The last point is telling. It is as simple as “what gets measured, gets managed.” If the board is not clearly measuring and managing, then the “tone from the top” is wrong, or at least unclear, and that will dilute any focus on the topic.
After you have the board responsibility clear, my view is that the best place to start with resilience is to ask yourself three questions:
• What do I do need to do to stop things going wrong in the first place?
• Do I have a view of the 10 things most likely to go wrong in my area / team / department?
• Do I have a plan and the capabilities to monitor for those 10 situations and to react if something does happen?
For me, this all starts with checklists and procedures. Operations work can be grouped into two flavours: the repetitive daily kind of multiple steps throughout the day, which you cannot do all at once. Some of those things can be done any time, some need to be done by a certain time or at a fixed time. Some are done periodically, on Fridays, at month-end. The second type of activity is things you do “on-demand kind”: a new issue, a corporate action, month-end or quarterly reporting.
Each discrete function needs one or more checklists to run its business.
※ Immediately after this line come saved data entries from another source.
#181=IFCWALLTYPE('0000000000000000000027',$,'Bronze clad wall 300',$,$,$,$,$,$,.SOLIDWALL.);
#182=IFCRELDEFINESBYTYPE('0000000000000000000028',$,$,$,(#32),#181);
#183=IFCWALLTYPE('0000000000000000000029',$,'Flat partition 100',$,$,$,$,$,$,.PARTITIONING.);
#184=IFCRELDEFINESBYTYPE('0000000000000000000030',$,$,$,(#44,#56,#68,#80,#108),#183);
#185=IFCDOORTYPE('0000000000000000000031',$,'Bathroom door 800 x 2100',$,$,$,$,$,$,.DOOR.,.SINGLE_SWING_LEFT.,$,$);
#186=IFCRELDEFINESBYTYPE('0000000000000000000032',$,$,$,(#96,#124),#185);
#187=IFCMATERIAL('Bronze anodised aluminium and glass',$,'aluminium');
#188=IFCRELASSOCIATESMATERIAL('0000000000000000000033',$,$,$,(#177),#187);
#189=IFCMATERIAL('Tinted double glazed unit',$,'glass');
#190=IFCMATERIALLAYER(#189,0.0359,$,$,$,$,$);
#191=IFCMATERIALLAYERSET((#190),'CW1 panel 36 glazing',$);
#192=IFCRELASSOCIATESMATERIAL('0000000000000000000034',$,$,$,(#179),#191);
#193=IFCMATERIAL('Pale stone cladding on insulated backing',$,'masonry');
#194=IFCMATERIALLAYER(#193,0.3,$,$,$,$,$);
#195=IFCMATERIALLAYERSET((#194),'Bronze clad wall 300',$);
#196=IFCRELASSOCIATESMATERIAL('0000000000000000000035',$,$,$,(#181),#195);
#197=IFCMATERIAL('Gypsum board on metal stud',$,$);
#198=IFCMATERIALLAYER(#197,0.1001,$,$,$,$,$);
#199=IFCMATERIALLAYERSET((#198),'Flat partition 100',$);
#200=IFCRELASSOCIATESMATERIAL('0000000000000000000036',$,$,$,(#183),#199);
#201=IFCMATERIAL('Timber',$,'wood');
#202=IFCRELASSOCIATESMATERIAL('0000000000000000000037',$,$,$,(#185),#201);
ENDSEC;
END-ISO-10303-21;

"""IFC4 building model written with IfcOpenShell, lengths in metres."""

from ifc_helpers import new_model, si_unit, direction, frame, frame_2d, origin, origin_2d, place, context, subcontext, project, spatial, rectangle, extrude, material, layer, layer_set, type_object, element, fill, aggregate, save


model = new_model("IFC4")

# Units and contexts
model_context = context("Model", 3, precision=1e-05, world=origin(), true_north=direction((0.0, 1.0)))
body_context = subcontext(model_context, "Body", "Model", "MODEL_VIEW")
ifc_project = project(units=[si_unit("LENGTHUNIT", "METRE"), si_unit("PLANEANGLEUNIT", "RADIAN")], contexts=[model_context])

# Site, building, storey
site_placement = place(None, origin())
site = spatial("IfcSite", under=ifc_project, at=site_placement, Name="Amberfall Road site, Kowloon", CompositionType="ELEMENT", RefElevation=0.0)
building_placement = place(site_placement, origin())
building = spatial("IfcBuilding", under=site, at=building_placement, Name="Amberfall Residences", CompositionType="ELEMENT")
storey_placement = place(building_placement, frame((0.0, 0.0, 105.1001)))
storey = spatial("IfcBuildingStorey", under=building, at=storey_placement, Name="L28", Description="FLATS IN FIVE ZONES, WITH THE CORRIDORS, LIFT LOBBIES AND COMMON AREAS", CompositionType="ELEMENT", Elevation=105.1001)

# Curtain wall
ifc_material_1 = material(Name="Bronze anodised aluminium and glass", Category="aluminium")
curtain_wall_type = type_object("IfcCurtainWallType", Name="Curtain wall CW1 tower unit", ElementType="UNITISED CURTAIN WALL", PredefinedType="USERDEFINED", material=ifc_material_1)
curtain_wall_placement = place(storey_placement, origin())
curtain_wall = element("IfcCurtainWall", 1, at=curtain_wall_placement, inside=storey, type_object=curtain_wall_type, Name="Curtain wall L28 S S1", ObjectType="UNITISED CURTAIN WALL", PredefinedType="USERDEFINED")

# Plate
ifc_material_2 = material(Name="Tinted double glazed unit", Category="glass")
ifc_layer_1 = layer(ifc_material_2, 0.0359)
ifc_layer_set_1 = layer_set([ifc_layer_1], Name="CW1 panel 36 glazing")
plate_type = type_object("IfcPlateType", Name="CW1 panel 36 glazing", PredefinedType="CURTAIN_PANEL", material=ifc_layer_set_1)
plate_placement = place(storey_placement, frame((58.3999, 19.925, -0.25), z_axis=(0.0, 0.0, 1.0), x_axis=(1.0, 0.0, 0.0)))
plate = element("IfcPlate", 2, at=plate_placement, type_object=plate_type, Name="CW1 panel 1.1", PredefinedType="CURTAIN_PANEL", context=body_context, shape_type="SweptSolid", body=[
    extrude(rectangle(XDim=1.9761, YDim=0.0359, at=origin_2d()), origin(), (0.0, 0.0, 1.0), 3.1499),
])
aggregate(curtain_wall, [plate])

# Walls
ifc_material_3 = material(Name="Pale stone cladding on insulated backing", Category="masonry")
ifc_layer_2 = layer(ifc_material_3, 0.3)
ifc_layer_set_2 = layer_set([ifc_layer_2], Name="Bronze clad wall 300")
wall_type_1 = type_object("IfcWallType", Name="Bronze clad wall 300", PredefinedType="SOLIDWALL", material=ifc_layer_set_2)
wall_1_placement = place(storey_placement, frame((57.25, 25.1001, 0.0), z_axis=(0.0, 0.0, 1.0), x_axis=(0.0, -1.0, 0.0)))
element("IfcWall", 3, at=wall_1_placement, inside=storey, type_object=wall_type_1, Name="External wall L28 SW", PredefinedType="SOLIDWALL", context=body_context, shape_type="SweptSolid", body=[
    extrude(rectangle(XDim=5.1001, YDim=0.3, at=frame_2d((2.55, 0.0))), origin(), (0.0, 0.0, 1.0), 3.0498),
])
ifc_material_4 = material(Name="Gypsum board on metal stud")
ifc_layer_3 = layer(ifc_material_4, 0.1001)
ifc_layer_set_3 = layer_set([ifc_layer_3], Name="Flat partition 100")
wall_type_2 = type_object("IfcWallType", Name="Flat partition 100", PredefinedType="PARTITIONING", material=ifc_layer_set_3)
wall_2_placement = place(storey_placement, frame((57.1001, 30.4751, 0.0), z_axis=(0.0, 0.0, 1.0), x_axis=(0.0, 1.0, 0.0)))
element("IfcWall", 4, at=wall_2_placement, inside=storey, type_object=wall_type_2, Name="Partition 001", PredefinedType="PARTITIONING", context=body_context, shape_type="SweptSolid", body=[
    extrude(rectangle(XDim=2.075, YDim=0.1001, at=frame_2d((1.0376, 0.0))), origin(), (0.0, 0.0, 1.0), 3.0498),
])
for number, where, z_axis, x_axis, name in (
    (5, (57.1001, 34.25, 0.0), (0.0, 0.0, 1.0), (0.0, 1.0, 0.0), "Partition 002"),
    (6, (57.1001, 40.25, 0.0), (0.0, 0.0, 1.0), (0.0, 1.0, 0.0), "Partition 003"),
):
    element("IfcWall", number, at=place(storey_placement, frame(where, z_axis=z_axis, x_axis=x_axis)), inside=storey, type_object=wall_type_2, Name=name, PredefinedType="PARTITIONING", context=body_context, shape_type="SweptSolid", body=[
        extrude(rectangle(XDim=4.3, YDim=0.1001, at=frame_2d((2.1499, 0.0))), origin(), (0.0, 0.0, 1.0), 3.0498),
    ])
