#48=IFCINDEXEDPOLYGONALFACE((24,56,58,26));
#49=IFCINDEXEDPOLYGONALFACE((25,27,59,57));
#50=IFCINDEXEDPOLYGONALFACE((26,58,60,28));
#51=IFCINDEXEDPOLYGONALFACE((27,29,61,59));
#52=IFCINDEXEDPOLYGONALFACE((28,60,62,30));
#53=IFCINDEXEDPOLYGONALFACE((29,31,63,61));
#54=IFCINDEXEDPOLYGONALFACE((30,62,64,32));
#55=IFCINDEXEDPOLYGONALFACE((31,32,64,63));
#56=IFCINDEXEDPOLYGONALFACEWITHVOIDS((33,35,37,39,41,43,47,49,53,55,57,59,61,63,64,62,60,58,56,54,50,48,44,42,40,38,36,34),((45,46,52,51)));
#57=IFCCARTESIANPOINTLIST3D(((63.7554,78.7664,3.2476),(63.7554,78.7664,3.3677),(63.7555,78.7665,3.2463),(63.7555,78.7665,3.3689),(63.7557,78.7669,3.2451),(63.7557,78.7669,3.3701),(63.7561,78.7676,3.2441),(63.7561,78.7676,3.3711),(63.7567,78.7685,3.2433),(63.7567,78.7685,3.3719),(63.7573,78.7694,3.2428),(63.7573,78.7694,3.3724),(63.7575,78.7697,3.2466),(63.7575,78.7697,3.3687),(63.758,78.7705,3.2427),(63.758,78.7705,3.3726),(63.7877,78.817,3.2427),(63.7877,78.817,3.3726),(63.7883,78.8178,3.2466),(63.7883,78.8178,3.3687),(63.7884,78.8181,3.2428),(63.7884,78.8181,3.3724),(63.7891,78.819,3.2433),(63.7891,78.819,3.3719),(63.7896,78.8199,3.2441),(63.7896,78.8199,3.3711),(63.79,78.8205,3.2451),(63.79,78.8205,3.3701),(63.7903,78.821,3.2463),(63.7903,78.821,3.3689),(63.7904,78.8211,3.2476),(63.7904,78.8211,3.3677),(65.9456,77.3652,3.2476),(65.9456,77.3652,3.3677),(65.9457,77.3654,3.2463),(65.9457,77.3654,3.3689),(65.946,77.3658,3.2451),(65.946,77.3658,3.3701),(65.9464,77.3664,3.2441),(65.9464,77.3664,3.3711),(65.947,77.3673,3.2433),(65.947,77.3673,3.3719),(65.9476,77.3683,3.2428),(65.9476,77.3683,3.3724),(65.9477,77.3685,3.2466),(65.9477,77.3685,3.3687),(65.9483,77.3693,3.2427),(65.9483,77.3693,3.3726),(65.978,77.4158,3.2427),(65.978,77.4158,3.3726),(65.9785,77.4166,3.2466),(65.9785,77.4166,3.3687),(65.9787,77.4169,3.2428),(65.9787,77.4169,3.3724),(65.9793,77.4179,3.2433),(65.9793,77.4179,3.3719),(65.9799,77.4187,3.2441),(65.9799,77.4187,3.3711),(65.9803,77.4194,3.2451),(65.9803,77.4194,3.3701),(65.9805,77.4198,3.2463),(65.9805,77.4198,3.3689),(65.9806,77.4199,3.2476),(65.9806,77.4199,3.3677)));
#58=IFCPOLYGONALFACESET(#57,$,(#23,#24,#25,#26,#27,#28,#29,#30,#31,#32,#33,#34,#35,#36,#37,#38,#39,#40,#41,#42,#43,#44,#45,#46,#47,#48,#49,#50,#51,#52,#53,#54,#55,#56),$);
There might be a policy, but today, at the coalface, that is not at all helpful. There might even be a procedure. If that is a full text document, it is only a bit helpful. It might help if it tells you exactly how to do something manually or who to call if there is an issue, it does not help if the 27 things you need to do each day are buried somewhere in a 30-page document. And you need the right tools for the job to make sure that your team is ticking off those tasks as they are completed, and recording the evidence of the work, or the status. Note, “ticking off as you go” and not a cursory end-of-day “Did we do everything? Yes, I think so”.
On most days, things go according to plan and the experts in your team are on top of things. The team needs easy access to a procedure: what to do at step three if you need the detail. Something which points you straight to what you need to do, not to a long document leaving you to search for what you need. The procedure might also include a back-up plan.
“Understanding normal” should also be integrated into the checklist tasks. You should have a sense of what normal volumes, values and timings are in your business. Having no trades booked at 0700 might not be a surprise, but if you are in FX, then at 0900 UK time, you’d expect quite a few trades. The checks need to be smart enough that the “abnormal” does not just happen and goes unnoticed.
Importantly, the tools are needed at the team level. Managing operations is a bottom-up task. Like an SAS unit in the field, the team needs the skills and the tools; they can’t rely on some headquarters function miles away.
If you have a great checklist and procedure set-up, then you can ask the team: “Are there things which go wrong regularly and consume lots of your time?” Ideally, you start to fix those things, because you take the view that if you have those better controls, then you have more capacity.
Then you move on to questions two and three above. What is likely to go wrong, how would you know if it did and how would the whole firm need to react? Trades might not be booked, there might be an extraordinary number of breaks, or differences, at some point in the process, your sanctions screening might crash, preventing payment instructions being sent out.
Thinking through the possibilities should lead you to be able to map out an end-to-end view of all the departments and systems involved in your transactions, all the way from a client order through to settlement and the balance sheet. In answering, at the team level you need to think end-to-end; upstream and downstream. What might happen either side of you which affects you, what affects would an issue in your area have? Think of the NatWest example; on-line banking is down, where do we communicate and how often?
In summary, you are going to be accountable for having operational resilience. Yes, that is yet another regulatory burden. You need to decide whether you want to just get a “tick in the box” or to use this as an opportunity to fine tune your organisation.